For simple synthetic traffic patterns, a workload generator binary for all CODES Dragonfly networks exists: model-net-synthetic-dragonfly-all.c. This is compiled by CODES and placed into the bin directory of your install folder. This workload generator accepts certain command line arguments that allow for specifications about the kind of traffic and how much it should try to generate.

Most importantly, there is the --traffic=, --num_messages=, --payload_sz=, and --arrival_time= arguments. This allows us to specify what type of pattern we want the generator to create, how many messages each workload LP should send, how big each of these messages should be (it will be broken up into packets by the model-net layer), and how much time in nanoseconds between the creation of each message. This gives us flexibility about the duration of the workload and the strength of the injected traffic. We can shorten the arrival time and make messages very frequent, or we can increase the payload size so that each message creates a lot more packets, or both, to scale the effective bandwidth of injected traffic. We can increase the number of messages to scale the duration of the workload generation.

Let's say we want each of our workload ranks to generate 10 messages of 8192 bytes every 100us and send them to other workload ranks with a uniform random distribution. We'd specify --traffic=1 --num_messages=10 --payload_sz=8192 --arrival_time=100000 when we launch the simulation.

Configuration File

Next thing we need is a CODES network configuration file.

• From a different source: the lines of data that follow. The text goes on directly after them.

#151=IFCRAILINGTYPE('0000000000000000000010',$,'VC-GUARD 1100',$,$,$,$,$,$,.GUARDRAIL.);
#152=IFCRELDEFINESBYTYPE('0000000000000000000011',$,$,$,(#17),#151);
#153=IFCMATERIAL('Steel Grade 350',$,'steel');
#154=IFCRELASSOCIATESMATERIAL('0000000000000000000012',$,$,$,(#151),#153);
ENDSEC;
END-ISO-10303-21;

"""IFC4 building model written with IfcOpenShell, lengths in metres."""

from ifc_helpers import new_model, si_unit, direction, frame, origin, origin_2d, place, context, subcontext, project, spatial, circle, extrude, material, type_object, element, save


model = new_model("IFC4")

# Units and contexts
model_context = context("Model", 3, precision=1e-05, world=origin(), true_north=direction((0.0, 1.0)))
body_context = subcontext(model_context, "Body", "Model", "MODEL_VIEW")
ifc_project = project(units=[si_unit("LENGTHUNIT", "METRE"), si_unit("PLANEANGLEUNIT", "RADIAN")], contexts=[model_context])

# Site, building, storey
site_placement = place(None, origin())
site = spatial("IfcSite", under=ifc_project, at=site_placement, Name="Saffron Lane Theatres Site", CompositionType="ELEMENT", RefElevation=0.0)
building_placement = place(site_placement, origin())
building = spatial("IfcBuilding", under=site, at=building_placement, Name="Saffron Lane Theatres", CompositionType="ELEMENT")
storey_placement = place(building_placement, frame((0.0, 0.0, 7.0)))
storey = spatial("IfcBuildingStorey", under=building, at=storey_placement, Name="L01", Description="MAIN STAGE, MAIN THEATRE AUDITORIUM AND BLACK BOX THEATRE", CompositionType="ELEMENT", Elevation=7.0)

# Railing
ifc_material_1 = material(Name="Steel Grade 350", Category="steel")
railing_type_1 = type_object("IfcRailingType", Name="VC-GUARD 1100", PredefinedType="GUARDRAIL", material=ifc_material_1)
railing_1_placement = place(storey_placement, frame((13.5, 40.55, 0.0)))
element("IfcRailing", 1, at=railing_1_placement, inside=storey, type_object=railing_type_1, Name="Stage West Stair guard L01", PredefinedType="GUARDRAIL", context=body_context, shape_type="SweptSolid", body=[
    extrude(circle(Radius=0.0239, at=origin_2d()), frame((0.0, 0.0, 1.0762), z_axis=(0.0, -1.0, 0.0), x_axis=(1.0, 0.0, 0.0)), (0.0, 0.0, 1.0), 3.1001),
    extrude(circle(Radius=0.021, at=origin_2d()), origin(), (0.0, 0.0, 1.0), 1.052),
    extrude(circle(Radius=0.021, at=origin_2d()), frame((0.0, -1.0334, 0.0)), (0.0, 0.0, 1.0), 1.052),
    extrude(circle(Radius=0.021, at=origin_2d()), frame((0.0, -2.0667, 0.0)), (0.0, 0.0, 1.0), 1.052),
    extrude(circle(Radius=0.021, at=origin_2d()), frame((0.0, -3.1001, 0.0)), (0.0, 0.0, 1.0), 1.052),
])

Each network topology in CODES will have its own set of parameters that are configurable though this file and the main source of knowledge for this is in the source file in each network itself (look for *_read_config() function!).

Example configuration files can be found in src/network-workloads/conf/. For this example we're going to be looking at src/network-workloads/conf/dragonfly-dally/dfdally_72.conf:

LPGROUPS
{
   MODELNET_GRP
   {
      repetitions="36";
      nw-lp="2";
# these lp names are specific to the dragonfly dally model
      modelnet_dragonfly_dally="2";
      modelnet_dragonfly_dally_router="1";
   }
}
PARAMS
{
# packet size in the network
   packet_size="4096";
   modelnet_order=( "dragonfly_dally","dragonfly_dally_router" );
   # scheduler options
   modelnet_scheduler="fcfs";
# chunk size in the network (safest to keep equal to packet size)
   chunk_size="4096";
# number of routers in group
   num_routers="4";
# number of groups in the network
   num_groups="9";
# buffer size in bytes for local virtual channels
   local_vc_size="16384";
#buffer size in bytes for global virtual channels
   global_vc_size="16384";
#buffer size in bytes for compute node virtual channels
   cn_vc_size="32768";
#bandwidth in GiB/s for local channels
   local_bandwidth="2.0";
# bandwidth in GiB/s for global channels
   global_bandwidth="2.0";
# bandwidth in GiB/s for compute node-router channels
   cn_bandwidth="2.0";
# ROSS message size
   message_size="736";
# number of compute nodes connected to router, dictated by dragonfly config
# file
   num_cns_per_router="2";
# number of global channels per router
   num_global_channels="2";
# network config file for intra-group connections
   intra-group-connections="../src/network-workloads/conf/dragonfly-dally/dfdally-72-intra";
# network config file for inter-group connections
   inter-group-connections="../src/network-workloads/conf/dragonfly-dally/dfdally-72-inter";
# routing protocol to be used
   routing="minimal";
}

In this configuration file, we first tell CODES exactly how many LPs we want to be simulated.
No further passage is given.